Safe Bulkers (NYSE: SB), a provider of marine dry-bulk transportation services, reported a net loss for the second quarter, contrary to the market’s expectations for profit. The bottom-line was hurt by a 3% decline in revenues. The dismal results triggered a selloff and the company’s stock lost sharply Tuesday evening.
Surprise Loss
For the second quarter, Safe Bulkers reported an adjusted loss of $0.01 per share, compared to earnings of $0.02 per share in the same period of last year. Analysts had forecast earnings for the latest quarter. Reported profit was $1.8 million, compared to $4.1 million last year. On a per-share basis, it was an unadjusted loss of $0.01 per share, compared to earnings of $0.01 per share in the year-ago quarter.

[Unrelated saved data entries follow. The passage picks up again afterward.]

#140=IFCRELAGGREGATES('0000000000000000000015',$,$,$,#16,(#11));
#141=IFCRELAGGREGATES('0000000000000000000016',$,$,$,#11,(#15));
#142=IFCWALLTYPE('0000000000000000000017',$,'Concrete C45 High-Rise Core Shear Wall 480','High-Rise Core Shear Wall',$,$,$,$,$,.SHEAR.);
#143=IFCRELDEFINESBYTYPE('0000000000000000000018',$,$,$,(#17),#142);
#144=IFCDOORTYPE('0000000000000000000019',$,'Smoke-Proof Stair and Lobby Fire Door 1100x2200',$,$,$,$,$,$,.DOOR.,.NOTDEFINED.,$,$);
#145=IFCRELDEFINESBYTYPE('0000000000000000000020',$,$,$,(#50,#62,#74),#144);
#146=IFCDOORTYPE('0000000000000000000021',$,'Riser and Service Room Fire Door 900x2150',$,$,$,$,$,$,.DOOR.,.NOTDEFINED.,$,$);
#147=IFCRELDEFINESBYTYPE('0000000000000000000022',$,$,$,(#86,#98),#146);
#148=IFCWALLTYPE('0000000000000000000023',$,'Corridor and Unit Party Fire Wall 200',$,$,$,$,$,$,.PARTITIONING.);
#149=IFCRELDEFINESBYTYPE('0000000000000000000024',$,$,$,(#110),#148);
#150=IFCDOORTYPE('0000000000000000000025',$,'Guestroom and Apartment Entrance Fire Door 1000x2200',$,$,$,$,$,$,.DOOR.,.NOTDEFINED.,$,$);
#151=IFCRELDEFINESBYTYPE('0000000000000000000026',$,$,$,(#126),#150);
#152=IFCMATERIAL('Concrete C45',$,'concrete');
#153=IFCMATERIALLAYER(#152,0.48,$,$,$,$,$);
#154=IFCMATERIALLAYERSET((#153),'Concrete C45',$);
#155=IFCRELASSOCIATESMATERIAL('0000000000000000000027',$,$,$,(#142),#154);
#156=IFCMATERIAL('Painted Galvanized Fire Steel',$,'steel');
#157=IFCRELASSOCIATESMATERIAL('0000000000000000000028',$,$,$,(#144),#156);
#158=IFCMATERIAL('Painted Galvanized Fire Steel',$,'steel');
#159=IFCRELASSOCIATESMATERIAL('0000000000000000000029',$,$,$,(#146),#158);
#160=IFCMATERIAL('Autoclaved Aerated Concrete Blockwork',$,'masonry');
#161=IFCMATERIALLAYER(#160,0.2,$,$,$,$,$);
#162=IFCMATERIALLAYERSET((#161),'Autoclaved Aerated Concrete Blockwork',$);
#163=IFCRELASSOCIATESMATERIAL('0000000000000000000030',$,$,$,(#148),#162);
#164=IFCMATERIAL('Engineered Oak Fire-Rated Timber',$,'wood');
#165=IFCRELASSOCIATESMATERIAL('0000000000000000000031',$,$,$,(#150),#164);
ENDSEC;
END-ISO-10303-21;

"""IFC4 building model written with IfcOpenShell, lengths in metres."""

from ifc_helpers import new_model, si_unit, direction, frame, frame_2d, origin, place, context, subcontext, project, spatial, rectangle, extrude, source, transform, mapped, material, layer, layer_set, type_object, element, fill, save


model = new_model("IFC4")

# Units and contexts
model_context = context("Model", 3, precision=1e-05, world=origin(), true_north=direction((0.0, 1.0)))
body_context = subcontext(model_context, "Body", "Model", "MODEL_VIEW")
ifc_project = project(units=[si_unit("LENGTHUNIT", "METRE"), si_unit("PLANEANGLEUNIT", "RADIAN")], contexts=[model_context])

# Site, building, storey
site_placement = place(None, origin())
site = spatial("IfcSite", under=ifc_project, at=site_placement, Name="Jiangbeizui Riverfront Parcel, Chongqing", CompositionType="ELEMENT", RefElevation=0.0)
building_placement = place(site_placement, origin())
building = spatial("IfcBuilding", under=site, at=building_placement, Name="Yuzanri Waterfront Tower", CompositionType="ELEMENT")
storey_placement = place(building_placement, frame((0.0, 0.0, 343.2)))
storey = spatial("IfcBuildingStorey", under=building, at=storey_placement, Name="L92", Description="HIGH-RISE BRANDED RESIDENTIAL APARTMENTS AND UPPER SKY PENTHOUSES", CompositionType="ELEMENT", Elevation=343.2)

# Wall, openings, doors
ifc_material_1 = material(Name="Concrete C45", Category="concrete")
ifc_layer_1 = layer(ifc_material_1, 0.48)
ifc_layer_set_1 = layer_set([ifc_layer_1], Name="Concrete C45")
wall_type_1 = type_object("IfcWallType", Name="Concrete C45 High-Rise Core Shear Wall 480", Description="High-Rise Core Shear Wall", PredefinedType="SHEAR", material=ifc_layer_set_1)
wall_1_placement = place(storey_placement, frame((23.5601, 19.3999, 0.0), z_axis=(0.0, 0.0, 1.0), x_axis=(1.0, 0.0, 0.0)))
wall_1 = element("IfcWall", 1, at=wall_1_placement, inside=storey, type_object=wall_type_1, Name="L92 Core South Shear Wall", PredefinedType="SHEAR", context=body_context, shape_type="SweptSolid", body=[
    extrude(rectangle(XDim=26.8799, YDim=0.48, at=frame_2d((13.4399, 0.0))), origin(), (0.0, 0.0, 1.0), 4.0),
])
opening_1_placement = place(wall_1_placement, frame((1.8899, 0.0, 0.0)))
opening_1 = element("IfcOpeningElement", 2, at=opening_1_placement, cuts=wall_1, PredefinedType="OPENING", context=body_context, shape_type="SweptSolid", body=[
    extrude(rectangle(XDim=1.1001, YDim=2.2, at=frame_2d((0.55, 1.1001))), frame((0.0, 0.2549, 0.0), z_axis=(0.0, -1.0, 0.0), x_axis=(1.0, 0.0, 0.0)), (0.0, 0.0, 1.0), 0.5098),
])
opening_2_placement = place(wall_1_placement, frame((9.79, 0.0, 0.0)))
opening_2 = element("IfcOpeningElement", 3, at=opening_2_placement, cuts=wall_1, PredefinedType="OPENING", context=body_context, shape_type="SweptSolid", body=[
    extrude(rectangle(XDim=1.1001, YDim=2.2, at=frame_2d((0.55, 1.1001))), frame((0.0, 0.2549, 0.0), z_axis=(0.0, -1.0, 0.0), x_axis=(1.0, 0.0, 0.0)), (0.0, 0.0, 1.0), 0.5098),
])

At $45.5 million, revenues were lower by 3% from the second quarter of 2018 but slightly above Wall Street’s prediction. The top-line was hurt by a decline in charter rates due to the weakness in the charter market.
Vessel Operation
On average, the company operated 41 vessels during the June-quarter, compared to 39.19 vessels last year. The time charter equivalent rate, which represents charter revenues net of commissions and voyage expenses divided by the number of days, dropped to $11,970 in the second quarter from $13,225 in the same period of 2018.
“In the first half of 2019 the charter market was weak with the BDI averaging 895. Since then the BDI has risen to an average of 1,904 for the 3rd quarter to date and as a consequence we are now entering into charters at much higher rates. We are on track with our environmental investments and about 25% of our planned scrubber installations were commissioned,” said Loukas Barmparis, president of Safe Bulkers.
Stock Plunges
Safe Bulkers’ shares have been trending below their long-term average for quite some time, and often traded below the $2-mark. The stock has lost 16% since the beginning of the year. It dropped about 7% during Tuesday’s extended trading, after closing the regular session higher.